Тогда я сорвался. Я был в отчаянии.
— Дура! Столько лет прожила со мной, столько твердила о понимании. О восхищении!.. «Всюду пойду за тобой! Где ни будешь, будем вместе!» — не твои слова? Что осталось? Где восхищение, где понимание? Простая вера в мою порядочность — где она? Какая тупость!
Она снова приложила руку к пульсирующей жилке на виске.
— Андрей! Ты заменяешь объяснение оскорблениями. Раньше ты не обращался со мной так грубо. Не хочешь ответить — сама скажу. Ты не тот, которого я знала столько лет, которым так восхищалась, которого так уважала. Ты переродился, Андрей. Тебя отравила власть, ты захотел ещё большей власти… Эти чудовищные обвинения… Они непереносимы!.. Но сам ты, сам ты!.. Почему сам не признаешься? Стыдишься, что обманул мою любовь, мою веру в тебя?
— Мне нечего стыдиться, Елена! Я действовал так, как велит моя совесть и мой долг. И знай: я больше не дорожу любовью, что рушится при первом ударе. «Где б ни был ты, я буду везде с тобой». Я в тюрьме, а ты? Ты рядом со мной?
— У меня нет твоей вины…
— Да, моей вины на тебе нет. И поэтому ты не заслужила тюрьмы. Можешь гордиться этим. Гордись, что не давишься вонючим хлёбовом, что не предстанешь перед ангелоподобным дьяволом Гонсалесом… Столько причин для гордости!
— Признался! — с мучением произнесла она. — Во всём признался!
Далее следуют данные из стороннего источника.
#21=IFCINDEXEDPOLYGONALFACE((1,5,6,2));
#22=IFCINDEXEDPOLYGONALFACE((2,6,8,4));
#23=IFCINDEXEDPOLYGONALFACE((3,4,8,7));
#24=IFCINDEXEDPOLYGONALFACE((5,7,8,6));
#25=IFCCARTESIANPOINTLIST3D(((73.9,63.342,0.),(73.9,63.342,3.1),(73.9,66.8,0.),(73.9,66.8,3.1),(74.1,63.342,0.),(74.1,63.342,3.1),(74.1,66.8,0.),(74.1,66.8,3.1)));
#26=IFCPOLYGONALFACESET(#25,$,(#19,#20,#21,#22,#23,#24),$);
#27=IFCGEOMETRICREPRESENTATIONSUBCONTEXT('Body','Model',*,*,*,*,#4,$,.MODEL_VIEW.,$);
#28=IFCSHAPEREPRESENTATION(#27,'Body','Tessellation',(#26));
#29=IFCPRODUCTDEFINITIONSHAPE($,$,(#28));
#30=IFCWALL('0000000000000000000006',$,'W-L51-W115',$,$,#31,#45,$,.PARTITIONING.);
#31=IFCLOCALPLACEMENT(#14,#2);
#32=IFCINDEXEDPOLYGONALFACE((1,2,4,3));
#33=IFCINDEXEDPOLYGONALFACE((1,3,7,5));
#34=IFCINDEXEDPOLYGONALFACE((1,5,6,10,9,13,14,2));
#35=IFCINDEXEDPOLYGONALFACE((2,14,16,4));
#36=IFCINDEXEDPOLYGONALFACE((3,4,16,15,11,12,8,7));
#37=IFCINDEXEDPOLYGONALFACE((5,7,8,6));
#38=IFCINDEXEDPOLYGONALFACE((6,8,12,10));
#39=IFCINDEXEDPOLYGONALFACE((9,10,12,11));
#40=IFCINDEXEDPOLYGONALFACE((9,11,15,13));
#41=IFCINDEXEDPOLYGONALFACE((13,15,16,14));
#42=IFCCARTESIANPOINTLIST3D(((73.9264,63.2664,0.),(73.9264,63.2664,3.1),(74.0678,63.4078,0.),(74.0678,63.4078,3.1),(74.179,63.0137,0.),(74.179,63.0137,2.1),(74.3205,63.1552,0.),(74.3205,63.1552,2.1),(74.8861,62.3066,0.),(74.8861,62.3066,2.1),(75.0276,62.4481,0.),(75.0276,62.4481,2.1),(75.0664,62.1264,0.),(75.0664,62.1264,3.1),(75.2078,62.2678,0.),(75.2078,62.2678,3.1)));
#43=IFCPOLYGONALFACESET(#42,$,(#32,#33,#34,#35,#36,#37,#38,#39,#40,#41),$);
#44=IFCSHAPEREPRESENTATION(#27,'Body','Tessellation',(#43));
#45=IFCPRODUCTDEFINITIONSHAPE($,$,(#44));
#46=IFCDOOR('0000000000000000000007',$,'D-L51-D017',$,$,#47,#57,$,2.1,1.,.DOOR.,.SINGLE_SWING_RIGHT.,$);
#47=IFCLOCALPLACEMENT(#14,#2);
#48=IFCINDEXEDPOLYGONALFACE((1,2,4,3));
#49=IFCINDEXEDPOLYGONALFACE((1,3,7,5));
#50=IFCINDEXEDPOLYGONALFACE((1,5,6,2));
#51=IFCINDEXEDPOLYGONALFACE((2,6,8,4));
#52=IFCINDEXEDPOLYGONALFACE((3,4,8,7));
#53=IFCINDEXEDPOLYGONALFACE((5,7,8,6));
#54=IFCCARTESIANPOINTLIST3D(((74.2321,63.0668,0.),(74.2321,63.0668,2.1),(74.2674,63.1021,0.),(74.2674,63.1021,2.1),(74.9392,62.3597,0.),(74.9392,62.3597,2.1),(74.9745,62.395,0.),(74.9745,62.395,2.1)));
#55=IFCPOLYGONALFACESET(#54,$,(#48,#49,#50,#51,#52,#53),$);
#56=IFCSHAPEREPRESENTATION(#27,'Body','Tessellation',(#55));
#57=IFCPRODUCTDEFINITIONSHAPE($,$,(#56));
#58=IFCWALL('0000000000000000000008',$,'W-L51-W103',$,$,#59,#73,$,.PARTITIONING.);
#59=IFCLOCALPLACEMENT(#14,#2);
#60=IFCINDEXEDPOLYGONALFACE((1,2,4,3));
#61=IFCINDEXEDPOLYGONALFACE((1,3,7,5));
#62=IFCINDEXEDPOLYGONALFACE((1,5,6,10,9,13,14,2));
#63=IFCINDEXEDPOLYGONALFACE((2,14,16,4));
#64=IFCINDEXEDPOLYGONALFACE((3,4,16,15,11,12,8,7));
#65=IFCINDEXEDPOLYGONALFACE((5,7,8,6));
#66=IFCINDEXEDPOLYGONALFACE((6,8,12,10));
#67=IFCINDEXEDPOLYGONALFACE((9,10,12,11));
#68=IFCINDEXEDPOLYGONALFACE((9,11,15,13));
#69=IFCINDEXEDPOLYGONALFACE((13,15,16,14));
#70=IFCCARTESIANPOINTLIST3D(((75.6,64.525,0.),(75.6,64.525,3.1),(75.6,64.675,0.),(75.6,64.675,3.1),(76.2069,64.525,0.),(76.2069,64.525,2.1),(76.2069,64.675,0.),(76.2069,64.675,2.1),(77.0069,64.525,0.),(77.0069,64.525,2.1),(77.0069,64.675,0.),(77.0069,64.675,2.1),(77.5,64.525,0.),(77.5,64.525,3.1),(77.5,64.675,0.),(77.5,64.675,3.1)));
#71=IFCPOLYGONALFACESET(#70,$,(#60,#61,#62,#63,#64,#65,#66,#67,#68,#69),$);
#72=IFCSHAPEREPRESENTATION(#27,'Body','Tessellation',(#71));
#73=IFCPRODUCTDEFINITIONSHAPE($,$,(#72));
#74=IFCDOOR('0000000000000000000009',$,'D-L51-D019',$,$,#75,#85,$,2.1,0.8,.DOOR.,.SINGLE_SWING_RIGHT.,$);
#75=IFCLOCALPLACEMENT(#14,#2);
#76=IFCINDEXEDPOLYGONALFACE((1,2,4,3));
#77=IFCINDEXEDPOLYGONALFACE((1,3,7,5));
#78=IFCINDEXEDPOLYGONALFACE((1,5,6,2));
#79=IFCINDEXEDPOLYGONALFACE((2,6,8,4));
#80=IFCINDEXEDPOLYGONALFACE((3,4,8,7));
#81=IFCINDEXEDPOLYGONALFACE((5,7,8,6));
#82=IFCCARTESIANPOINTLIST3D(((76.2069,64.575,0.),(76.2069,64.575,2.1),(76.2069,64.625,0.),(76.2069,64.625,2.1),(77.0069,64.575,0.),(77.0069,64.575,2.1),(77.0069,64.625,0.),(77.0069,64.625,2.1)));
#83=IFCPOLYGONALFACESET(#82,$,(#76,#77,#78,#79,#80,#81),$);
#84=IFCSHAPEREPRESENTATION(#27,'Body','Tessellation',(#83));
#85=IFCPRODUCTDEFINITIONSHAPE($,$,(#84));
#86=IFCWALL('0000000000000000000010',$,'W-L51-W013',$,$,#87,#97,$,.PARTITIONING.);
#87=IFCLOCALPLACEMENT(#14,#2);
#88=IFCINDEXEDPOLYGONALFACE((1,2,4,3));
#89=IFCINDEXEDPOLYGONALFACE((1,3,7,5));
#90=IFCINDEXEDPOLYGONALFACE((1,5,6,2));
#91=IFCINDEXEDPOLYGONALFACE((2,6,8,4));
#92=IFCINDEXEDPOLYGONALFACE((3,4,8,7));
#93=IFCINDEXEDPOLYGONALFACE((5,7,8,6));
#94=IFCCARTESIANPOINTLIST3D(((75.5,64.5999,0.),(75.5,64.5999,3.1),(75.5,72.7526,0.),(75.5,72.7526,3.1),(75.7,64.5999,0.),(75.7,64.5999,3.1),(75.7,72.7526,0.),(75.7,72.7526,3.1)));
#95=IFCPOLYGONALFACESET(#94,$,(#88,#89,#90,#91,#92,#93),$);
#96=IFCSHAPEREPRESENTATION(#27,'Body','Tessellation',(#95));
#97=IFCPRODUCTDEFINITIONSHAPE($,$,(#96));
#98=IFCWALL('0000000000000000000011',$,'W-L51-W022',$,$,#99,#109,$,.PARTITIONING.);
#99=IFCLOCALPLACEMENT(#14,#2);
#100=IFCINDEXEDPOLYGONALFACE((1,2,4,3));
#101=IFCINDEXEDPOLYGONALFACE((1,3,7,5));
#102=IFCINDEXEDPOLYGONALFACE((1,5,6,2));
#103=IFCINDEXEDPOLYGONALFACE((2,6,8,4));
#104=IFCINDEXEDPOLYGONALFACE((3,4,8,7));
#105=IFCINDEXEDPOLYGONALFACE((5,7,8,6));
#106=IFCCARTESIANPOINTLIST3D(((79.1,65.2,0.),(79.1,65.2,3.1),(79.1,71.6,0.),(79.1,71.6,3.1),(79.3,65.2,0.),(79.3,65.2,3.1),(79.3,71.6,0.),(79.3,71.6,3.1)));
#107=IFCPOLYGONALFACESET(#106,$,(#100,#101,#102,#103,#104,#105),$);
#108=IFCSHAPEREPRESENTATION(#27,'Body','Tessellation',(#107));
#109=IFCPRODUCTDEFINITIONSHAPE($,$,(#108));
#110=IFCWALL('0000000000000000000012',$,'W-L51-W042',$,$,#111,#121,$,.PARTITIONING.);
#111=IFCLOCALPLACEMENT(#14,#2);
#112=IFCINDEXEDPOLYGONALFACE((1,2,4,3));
— Признался, но не во всём! До полного признания ещё не скоро. Пока признаюсь только в том, что передавал врагам государственные секреты и получал за это деньги, огромные деньги, они на моих счетах в иностранных банках. Признаюсь, что вёл тайную борьбу с Гамовым и мечтал захватить его трон. И приму за эти мои поступки всю тяжесть ответственности. Но это ещё не полное признание, Елена, хотя оно так ужасает тебя. Придёт время, и каждому откроется сущность моей вины. И ты только тогда по-настоящему ужаснёшься! Безмерно, неизбывно, непрощаемо ужаснёшься! А теперь уходи! Мне тяжко смотреть на тебя.
Она поднялась и пошла к двери. Она пошатывалась. У двери она остановилась и обернулась. В лице её не было ни кровинки.
— Последнее слово, Андрей. Ты сказал, что не дорожишь любовью, которая рушится от первого удара. Твоё право — дорожить, не дорожить. Я дорожила нашей любовью. Мы ссорились оттого, что мне её временами не хватало, тебя не хватало. А твоя любовь была мне так бесконечно дорога… Рушится от первого удара… Не просто рушится, Андрей. Есть удары, которые не только уничтожают, но и выворачивают всё наизнанку. Ненавижу тебя! Ненавижу за то, что так долго, так искренно любила, так верила в тебя… Ненавижу и презираю!
Она рванула незапертую дверь. Я пересел с койки на стул — поближе к открытому окну. Сквозь густую решётку проскользнуло солнце, и на полу обрисовалась решётка из света. Камера была полна теней и призраков. У меня так болело в груди, что было больно дышать.
Меня казнили в полдень при полном сиянии солнца. Штупа мобилизовал все ресурсы метеогенераторов, чтобы ни одна шальная тучка не приблизилась к Адану. Толпа на площади стала собираться с утра. Тюремная машина шла посередине — две охранные впереди, две позади. Из первой машины вылезли Гонсалес и Пустовойт, с ними их прокуроры и судьи. Палачи в траурных мундирах Чёрного суда уже ждали на площадке, где смонтировали виселицу. Я прикинул на глаз — Пустовойт не обманул, от перекладины, на которой висела верёвка, до земли было точно восемь лан. В стороне стоял оркестр — заглушать мои прощальные вопли, если начну кричать. Всё шло по росписи.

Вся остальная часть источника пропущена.